Eric. The Pentz info is the best you can get. I have built two cyclones for our seniors WW shop. One of his design & one from Wood magazine. The Wood job is not as good but is better for low ceiling situations. You can modify the Pentz design. I built a drop box for both & we haven't had to empty the bags at all after 1 1/2 years!! With 6" pipe (use metal not plastic) I increased the cyclone outlet to 8" (Wood)( 2HP unit) & 10" (pentz)( 3HP unit) This lowers the outlet velocity & leaves the fines behind better. Hope this helps. Ron.


----------



## beech1948

There are always alternates.

I have seen, but not built, a Thien Separator into a conventional two bag dust sucker just like your diagram but it does not use the cyclone funnel. Quite a cheap approach as well.

Have a look at Phil Thiens web site.

regards
Alan


----------



## Leo

I have just made one of these cyclones, it works great, but my bin implodes, I was surprised by how much suction is in the bin itself :? . I am only using a normal vac. 1800 watts and 40 mm. pipes.....it's only for dust, not shavings. Is this usual?, thus getting a stronger bin will solve the problem ?? Or does it mean that my pipes are blocked in some way ??.

Any advice would be good, thanks. ( ps. new, larger pipes, good shop vac. etc. are out of my budget  ).....A bin maybe..??.


----------



## Bongodrummer

Leo, I have a similar setup. The static pressure of little shop vacs is quite surprising. It is a lot higher than your average dust collector. So if there is a restriction of airflow at the hose (and there will inevitably be at some points when you connect it up to power tools) you need your collection barrel to be strong enough not to crumple in on itself. 
I had to make reinforcements for mine :wink: 

Agreed about The Pentz info being the best - that site is awesome if you have the time to sift through. But I don't think he considers a cyclone after the blower as Eric is proposing. I don't know if having the air pushed through, rather than sucked through would make any difference to the airflow dynamics? 
Interestingly I got an e-mail from Axminster just the other day, with a new Jet DC that seems to be along similar lines (cyclone is after the blower). The marketing description is predictably useless though, with arrows pointing all over the place and not explaining how it works at all - other than it relying on the word 'cyclone' to sell it. All 'cyclones' are most definitely not equal...


----------



## Leo

Thanks Bongo, 

I have since found, after buying another bin of course  , that I did have an obstruction in the pipes :mrgreen: , but it forced me to buy a better bin anyway, it works like a dream now. need to adjust it a little, as it does let through a little of the dust, but that's a minor defect.

Leo


----------



## Eric The Viking

I've got a funny feeling, yet to be tested, that the pull-or-push thing is arbitrary. After all, the air moves from high pressure to lower pressure, and as long as that difference is created, why should it matter very much where in the system the fan goes? 

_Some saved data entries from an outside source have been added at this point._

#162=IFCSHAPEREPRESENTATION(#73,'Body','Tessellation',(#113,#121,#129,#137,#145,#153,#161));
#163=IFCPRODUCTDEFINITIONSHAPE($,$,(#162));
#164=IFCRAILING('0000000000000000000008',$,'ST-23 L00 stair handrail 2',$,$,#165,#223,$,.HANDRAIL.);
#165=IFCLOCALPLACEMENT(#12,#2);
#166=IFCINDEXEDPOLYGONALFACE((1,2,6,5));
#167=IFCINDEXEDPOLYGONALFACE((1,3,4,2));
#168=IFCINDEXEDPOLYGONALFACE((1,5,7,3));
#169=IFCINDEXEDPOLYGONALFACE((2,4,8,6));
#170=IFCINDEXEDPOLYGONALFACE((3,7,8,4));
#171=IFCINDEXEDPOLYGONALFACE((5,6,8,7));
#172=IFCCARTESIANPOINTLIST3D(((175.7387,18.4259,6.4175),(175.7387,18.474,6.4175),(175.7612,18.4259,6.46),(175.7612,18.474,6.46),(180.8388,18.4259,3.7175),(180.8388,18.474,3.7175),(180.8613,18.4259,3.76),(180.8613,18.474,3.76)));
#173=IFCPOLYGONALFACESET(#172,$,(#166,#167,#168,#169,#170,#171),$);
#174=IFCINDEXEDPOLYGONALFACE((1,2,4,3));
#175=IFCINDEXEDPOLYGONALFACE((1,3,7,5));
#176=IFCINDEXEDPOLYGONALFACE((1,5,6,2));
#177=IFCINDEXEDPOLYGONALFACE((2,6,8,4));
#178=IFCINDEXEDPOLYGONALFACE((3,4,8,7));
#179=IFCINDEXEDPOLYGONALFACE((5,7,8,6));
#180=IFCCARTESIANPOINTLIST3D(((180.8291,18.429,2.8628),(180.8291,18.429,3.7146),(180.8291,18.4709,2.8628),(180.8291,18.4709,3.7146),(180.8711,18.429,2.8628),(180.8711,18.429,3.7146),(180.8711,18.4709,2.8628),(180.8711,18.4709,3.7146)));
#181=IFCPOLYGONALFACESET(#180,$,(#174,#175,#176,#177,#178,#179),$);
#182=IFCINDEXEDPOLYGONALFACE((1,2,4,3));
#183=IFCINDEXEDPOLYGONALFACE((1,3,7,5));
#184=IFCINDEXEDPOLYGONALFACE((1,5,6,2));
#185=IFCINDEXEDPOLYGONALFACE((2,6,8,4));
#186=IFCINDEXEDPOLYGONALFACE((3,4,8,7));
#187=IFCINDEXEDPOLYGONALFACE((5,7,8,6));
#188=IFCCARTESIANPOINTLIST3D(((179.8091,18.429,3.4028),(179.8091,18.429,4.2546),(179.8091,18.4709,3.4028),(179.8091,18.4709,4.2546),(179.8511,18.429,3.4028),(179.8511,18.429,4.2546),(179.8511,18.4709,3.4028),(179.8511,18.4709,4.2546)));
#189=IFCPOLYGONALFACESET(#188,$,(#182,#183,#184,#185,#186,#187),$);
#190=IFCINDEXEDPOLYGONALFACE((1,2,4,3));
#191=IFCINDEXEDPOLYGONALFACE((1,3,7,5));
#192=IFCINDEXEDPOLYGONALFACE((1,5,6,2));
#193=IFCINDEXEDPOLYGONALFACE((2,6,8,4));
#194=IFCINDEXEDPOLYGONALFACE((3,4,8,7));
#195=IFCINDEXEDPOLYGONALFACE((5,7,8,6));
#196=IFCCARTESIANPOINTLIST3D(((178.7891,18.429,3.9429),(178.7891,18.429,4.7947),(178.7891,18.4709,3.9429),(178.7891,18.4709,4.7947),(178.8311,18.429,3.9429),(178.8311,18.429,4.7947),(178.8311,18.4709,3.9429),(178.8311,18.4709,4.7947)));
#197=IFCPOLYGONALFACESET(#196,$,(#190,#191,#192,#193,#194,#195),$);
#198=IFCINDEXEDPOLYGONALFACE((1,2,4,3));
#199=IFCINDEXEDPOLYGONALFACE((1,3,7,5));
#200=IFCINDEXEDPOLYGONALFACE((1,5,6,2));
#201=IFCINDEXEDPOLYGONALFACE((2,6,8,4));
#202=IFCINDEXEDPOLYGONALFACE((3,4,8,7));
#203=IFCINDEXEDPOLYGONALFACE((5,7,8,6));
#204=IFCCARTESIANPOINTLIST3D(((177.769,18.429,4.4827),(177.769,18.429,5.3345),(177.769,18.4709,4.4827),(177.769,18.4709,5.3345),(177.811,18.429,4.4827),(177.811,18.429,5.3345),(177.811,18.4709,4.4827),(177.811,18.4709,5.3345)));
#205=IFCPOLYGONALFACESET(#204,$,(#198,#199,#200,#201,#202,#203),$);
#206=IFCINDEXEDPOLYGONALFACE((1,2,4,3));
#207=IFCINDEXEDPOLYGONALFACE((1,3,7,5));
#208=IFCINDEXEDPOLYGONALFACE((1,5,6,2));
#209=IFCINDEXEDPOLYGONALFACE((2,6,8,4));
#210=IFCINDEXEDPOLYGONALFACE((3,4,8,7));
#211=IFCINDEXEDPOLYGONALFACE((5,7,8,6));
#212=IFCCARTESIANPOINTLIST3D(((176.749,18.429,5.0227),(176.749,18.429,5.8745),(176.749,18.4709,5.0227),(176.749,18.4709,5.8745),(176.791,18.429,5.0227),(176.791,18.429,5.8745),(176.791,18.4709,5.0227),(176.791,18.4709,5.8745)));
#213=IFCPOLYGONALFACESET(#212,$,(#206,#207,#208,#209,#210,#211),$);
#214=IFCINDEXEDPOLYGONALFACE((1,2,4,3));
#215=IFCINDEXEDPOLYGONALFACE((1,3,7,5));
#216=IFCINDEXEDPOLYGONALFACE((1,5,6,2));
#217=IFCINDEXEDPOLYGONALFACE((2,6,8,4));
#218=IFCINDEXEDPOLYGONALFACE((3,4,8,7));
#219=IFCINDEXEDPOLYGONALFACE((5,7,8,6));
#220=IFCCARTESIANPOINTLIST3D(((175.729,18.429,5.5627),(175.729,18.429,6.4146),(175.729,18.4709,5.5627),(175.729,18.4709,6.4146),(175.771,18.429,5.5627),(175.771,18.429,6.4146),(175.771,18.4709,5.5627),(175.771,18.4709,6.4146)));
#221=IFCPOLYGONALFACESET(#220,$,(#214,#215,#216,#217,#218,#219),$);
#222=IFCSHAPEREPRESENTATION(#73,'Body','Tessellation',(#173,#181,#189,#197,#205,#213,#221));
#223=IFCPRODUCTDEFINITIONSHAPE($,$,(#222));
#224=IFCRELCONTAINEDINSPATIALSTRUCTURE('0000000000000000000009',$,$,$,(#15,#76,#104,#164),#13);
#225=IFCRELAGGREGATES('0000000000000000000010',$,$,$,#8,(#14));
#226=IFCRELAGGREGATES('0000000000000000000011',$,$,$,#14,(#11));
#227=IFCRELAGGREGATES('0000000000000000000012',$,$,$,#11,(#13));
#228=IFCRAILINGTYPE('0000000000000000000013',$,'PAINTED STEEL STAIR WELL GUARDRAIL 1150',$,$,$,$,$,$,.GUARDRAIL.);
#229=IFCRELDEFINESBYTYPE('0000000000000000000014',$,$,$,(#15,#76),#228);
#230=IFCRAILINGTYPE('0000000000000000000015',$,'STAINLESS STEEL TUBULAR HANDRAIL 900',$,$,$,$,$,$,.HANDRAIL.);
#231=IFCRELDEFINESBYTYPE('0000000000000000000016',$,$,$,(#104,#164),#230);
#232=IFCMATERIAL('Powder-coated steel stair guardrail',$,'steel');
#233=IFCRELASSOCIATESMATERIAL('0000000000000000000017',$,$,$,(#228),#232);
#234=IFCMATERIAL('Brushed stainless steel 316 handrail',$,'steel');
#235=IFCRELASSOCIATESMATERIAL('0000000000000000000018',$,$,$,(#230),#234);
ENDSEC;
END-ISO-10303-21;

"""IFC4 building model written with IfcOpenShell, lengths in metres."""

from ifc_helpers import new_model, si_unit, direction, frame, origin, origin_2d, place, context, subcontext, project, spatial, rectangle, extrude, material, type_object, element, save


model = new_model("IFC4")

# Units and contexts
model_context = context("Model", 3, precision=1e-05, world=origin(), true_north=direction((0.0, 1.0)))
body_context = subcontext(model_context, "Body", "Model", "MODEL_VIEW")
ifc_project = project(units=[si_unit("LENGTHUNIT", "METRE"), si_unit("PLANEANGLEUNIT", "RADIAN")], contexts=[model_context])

The big advantage, if 'fan first' works, is that I don't need a big solid can, as the bag can't collapse (although it might burst!). Severe lack of round tuits at the moment, but I'll get back to it eventually...


----------



## Leo

I am no engineer by any stretch of the imagination :!: , but how can the push method work at all ?? as the suction through the tub is before my hoover, thus stopping stuff getting to my hoover. Wouldn't the fan being first, just make all the debris hit the fan, prior to it being seperated ???  or are the fan fins outside of the tubing carrying the air and rubbish stuff.

I did say that I ain't an Engineer :!: !!!! just curious really :mrgreen:


----------



## Eric The Viking

Leo":213iaorc said:


> Wouldn't the fan being first, just make all the debris hit the fan, prior to it being seperated ???  or are the fan fins outside of the tubing carrying the air and rubbish stuff.



Yes you're right, and no, they're in the debris path. That's how the majority of small workshop extractors work. 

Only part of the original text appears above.